# TRIPLE D/Q



## Shayne Mehringer (Jan 3, 2003)

Does anyone know FOR SURE the closing dates/fees/judges for Ouchita and Acadiana trials?

SM


----------



## Greenfire (Feb 4, 2004)

I don't think they know themselves...


----------



## Ricky Elston (Nov 25, 2004)

Call Lee Jolley and Donnie Fitzgerald.


----------



## Mark Sehon (Feb 10, 2003)

Dink & Bobby Lane are judging Acadiana. Not Sure of the closing dates or fees. The fees and dates are "usually" in line with SLRC.


----------



## Shayne Mehringer (Jan 3, 2003)

All three events are now up and ready for entry on EE.

Acadiana's entry fee is $5 less than the others, can anyone confirm that?

SM


----------



## Mark Sehon (Feb 10, 2003)

I believe all three D&Q's are $65.00. I'll check tonight.
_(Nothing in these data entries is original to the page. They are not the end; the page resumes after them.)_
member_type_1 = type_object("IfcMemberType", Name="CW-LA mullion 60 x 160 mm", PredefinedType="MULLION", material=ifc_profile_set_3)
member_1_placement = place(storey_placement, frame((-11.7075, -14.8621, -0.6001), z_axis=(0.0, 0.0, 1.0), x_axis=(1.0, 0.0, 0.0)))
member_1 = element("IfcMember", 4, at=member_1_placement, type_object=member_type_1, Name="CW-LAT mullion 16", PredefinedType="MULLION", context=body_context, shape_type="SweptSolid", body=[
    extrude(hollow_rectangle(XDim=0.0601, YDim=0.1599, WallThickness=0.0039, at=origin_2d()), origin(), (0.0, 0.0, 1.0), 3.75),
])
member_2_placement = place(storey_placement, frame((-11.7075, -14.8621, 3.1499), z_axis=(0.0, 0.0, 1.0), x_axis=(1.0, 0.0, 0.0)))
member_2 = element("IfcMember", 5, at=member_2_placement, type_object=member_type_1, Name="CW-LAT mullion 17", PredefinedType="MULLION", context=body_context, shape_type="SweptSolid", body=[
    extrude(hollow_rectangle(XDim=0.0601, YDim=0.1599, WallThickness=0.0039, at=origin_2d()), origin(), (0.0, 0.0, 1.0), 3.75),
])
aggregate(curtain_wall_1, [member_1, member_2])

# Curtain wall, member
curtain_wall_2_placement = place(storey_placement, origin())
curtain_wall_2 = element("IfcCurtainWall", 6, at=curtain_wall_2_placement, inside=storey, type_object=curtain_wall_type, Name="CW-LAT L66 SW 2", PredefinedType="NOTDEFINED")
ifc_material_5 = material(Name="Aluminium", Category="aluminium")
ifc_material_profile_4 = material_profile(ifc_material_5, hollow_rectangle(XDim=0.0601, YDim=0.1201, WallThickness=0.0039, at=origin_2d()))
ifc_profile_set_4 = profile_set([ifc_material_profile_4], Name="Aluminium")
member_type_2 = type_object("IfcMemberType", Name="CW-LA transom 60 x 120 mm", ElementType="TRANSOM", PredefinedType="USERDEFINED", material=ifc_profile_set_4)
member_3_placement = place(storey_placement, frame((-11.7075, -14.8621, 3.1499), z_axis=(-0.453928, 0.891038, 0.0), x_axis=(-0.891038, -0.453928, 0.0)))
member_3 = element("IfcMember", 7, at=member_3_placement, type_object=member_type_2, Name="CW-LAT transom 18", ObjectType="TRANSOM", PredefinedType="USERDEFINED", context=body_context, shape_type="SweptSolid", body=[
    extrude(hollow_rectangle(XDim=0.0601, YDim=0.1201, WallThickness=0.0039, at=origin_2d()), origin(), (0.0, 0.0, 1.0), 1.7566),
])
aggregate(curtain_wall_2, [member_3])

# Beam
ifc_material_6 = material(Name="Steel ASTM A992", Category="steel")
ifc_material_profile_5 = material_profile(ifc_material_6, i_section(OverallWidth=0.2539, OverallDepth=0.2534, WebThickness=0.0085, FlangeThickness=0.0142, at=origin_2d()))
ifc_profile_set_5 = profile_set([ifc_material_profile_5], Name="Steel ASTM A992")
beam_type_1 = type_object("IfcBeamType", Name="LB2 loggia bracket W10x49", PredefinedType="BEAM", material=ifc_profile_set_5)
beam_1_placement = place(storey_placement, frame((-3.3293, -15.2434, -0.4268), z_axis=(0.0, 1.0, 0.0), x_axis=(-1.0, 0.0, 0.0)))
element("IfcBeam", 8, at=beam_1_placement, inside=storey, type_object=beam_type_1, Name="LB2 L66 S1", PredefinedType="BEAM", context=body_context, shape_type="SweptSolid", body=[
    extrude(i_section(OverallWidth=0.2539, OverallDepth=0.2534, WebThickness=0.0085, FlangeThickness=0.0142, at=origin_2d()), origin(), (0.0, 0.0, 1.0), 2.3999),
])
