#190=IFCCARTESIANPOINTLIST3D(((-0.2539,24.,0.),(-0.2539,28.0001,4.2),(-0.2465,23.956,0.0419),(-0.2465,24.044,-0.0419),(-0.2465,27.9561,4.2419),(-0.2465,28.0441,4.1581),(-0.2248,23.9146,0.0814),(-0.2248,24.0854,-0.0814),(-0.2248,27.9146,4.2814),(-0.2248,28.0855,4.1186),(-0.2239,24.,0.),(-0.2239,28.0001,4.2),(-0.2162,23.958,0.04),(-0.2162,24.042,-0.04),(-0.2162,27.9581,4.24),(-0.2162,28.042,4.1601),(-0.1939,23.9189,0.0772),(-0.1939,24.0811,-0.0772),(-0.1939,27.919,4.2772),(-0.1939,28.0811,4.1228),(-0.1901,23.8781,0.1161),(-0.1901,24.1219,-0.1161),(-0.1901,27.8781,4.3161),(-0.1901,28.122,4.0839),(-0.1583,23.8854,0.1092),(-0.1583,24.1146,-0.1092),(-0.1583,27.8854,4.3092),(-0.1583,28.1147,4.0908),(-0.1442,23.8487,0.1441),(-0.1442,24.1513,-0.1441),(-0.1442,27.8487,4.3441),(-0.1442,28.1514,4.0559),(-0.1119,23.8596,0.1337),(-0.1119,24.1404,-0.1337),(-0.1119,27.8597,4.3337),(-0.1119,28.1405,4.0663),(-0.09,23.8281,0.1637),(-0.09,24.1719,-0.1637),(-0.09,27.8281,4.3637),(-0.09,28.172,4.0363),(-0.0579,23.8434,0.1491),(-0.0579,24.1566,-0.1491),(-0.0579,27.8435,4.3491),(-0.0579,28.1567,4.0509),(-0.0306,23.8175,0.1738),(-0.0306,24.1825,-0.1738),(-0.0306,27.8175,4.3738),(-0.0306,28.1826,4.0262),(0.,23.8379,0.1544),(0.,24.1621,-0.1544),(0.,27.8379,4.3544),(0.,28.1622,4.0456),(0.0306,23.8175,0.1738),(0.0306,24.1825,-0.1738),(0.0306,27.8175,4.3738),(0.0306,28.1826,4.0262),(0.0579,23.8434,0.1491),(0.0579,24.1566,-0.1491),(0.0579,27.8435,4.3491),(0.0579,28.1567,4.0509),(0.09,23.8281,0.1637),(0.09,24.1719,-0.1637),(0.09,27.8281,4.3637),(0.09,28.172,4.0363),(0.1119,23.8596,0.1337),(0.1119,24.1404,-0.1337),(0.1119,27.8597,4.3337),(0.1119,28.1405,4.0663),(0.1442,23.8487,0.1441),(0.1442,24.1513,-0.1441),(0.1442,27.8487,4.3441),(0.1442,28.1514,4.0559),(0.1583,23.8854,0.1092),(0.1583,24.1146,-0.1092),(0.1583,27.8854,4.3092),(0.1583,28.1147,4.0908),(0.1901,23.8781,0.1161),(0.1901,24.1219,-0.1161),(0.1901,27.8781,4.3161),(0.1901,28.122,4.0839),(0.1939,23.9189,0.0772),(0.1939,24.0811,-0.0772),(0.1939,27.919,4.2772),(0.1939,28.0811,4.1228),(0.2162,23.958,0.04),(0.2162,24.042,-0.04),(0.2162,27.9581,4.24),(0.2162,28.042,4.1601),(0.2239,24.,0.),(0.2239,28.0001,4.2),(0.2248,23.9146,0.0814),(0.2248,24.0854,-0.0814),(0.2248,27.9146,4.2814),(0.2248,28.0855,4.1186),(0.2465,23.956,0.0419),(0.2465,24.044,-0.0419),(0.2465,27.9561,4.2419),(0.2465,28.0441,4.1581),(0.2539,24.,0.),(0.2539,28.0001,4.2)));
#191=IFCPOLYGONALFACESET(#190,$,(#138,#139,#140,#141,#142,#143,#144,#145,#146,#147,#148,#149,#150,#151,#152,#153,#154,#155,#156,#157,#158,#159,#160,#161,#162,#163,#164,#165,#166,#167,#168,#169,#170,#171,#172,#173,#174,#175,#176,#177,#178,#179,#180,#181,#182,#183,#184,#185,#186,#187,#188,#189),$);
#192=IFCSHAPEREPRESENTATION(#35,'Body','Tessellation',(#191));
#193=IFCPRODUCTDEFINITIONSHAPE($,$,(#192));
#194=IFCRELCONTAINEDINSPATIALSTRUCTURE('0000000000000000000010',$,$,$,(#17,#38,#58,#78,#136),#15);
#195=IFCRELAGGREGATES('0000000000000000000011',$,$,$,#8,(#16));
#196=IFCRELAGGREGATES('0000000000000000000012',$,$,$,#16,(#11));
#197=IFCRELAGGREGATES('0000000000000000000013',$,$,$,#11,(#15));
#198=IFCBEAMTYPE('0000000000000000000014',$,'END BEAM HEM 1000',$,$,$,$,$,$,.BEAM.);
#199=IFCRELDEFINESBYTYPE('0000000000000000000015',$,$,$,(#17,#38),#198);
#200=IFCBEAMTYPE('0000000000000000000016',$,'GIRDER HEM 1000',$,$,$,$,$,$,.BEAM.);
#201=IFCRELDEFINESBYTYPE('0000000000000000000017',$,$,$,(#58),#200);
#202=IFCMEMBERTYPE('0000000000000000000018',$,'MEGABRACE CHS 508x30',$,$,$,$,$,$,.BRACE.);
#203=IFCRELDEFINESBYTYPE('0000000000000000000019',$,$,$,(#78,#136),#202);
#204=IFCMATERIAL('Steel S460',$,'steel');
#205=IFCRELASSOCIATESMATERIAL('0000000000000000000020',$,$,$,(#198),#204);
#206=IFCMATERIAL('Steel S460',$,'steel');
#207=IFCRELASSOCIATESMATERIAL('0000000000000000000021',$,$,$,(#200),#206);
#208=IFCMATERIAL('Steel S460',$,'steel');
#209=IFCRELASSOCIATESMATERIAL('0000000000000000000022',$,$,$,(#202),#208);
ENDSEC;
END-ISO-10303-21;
I recieved my premium's last night, seems like they were all priced the same.


----------



## Mark Sehon (Feb 10, 2003)

Yep, all three are the same price -$65.00. Good luck to all.


----------



## Shayne Mehringer (Jan 3, 2003)

Mark Sehon said:


> Yep, all three are the same price -$65.00. Good luck to all.


Jon Broussard told me Acadiana is $60 and thats whats on AKC. You have an Acadiana premium that says its $65?

SM


----------



## rboudet (Jun 29, 2004)

Just got off the phone with Donnie Fitzgerald (Treas.) the fee is 65 not 60.


----------



## Shayne Mehringer (Jan 3, 2003)

rboudet said:


> Just got off the phone with Donnie Fitzgerald (Treas.) the fee is 65 not 60.
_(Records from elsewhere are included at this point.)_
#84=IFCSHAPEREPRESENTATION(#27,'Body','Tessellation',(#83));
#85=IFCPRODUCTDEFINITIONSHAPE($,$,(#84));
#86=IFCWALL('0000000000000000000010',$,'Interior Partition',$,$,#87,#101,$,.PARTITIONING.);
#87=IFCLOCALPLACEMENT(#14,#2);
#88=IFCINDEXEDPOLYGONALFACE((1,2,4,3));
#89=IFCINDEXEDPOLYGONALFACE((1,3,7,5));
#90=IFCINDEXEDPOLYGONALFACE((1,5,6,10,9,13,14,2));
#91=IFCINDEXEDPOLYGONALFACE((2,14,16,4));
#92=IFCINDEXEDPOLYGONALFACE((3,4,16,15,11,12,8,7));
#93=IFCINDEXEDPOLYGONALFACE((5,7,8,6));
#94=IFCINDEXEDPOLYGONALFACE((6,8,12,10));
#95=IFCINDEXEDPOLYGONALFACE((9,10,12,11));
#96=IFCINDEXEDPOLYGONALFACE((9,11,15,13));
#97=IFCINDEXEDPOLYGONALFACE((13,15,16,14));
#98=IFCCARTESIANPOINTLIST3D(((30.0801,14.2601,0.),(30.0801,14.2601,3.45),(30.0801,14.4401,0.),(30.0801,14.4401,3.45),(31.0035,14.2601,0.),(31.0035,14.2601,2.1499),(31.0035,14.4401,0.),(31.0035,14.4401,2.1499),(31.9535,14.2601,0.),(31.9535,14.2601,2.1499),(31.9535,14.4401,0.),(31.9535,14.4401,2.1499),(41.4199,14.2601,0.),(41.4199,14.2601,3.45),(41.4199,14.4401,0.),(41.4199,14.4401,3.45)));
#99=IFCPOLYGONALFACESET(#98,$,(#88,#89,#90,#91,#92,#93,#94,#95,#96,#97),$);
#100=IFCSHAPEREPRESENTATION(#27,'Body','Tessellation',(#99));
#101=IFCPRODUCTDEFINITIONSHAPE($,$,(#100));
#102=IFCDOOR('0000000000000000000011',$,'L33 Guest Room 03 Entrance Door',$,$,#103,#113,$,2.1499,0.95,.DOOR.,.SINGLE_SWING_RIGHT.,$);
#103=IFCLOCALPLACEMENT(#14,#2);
I just heard from Broussard again and he confirmed it is $60. Thats what he sent to AKC on their application.

Which is great since we have a bunch of entries to send them and we only charged $60!  

SM


----------



## Mark Sehon (Feb 10, 2003)

I'm looking at the premium right now. The price that they have listed is $65.00. Not sure what the price is??????????


----------



## Shayne Mehringer (Jan 3, 2003)

Mark Sehon said:


> I'm looking at the premium right now. The price that they have listed is $65.00. Not sure what the price is??????????


It sounds like they are gonna get $65 from people who mail in their entries to the club and $60 from everyone that entered online. $60 is the real number because thats whats on the AKC application.

SM


----------



## K G (Feb 11, 2003)

What Shayne said.

Better make sure the club checkbook is there so everyone who overpaid can get their $5 back! :lol: 

kg


----------



## Franco (Jun 27, 2003)

Shayne, are you going to handle Acadiana's Full Trial in Feb too? 

P S I still have their key to their Equipment trailer. I forgot to give it back after the Ouachita Trial. If they do their Full Trial in Acadiana and not the spillway, I'll give them their key back! :wink:


----------



## Shayne Mehringer (Jan 3, 2003)

Mr Booty said:


> Shayne, are you going to handle Acadiana's Full Trial in Feb too?
> 
> P S I still have their key to their Equipment trailer. I forgot to give it back after the Ouachita Trial. If they do their Full Trial in Acadiana and not the spillway, I'll give them their key back! :wink:


Yes we are... just waiting on it to get finalized with AKC before we set it up.

It looks like doing these non-EE events works pretty well. The online entry response is good. Its still easier on the secretary getting most of their entries in one envelope with one check.

SM


----------



## Greenfire (Feb 4, 2004)

Any news from today's events?


----------